La reedición de Ley de juego que Sudamericana ha puesto en la calle en estos días se suma a una excelente noticia: que, además de este volumen y de Kincón, reunirá en un par de libros de próxima aparición las mejores páginas de esos treinta años de periodismo (uno de las crónicas narrativas y ficciones “informales” y otro con esos reportajes y textos de plástica que convirtieron a Briante en uno de los mejores –si no el mejor– de los entrevistadores y de los críticos de arte de su tiempo). La aparición de esos libros permitirá, por fin, ver por entero el perfil de Briante como escritor y ofrecerá a sus lectores más fervientes (que no cambian sino que aumentan, año a año) la posibilidad de confirmar un pálpito compartido: que, para Briante, narrar era como respirar, y que su extraordinaria (y ahora vemos que impenitente) respiración narrativa es uno de los milagros de la literatura argentina del último medio siglo.

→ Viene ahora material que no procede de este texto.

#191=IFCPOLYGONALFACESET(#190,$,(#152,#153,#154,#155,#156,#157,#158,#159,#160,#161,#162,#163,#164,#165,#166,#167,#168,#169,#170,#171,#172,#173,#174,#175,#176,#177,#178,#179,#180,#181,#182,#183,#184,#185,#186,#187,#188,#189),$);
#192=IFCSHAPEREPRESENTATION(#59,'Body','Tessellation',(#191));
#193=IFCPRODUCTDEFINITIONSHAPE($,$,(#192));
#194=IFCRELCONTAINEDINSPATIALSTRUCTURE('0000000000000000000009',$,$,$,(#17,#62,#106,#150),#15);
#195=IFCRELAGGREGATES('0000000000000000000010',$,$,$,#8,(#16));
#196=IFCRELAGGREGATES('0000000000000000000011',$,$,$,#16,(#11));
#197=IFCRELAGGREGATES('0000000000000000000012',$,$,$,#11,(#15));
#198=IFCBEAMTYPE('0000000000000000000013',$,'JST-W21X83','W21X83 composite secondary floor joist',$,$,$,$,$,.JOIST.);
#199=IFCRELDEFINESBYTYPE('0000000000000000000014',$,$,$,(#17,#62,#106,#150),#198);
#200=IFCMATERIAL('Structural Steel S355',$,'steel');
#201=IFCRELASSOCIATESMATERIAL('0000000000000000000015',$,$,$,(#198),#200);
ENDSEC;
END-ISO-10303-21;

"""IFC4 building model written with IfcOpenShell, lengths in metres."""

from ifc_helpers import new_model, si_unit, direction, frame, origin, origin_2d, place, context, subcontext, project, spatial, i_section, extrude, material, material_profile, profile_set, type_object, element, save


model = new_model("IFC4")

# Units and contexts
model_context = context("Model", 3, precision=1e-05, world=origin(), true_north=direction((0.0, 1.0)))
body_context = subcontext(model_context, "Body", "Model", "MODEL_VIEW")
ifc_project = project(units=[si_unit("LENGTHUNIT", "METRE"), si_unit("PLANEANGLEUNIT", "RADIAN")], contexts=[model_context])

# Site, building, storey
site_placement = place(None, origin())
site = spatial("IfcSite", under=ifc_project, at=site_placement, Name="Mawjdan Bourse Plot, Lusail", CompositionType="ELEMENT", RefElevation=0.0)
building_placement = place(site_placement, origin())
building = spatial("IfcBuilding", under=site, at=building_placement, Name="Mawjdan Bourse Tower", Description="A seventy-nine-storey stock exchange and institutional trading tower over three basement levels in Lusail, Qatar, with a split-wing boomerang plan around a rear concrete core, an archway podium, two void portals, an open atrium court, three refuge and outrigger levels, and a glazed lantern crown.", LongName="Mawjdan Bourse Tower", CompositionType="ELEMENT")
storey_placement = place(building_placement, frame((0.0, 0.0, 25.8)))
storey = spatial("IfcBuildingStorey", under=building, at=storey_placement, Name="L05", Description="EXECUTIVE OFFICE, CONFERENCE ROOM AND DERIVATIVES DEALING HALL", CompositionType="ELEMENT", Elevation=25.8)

En uno de esos textos periodísticos (aparecido en Primera Plana en el 70), Briante escribe sobre el último número de Sur y el anuncio de que la revista dejará de existir, y dice que quien intente historiar o definir la revista se topará con que ella se ha encargado por sí misma de definirse. “Sur no desaparece por una cuestión económica. Lo que determina su muerte es que han cambiado las ideas sobre el lenguaje y las implicancias del lenguaje, sobre el arte y su inserción en las contradicciones del mundo. Pero eso, seguramente, fue previsto alguna vez en algún artículo de Sur.” También el “periodismo” de Briante parece prever y anunciar su propia evolución narrativa casi tanto como el crescendo de Ley de juego o las dos versiones de Kincón. Por supuesto, en lo primero que uno piensa ante el silencio de Briante es en Rulfo (aunque vale la pena contemplar también esa otra influencia decisiva en él, Borges, y el modo en que El hacedor y El informe de Brodie le permiten “vencer” el silencio narrativo al que ya parecía resignado).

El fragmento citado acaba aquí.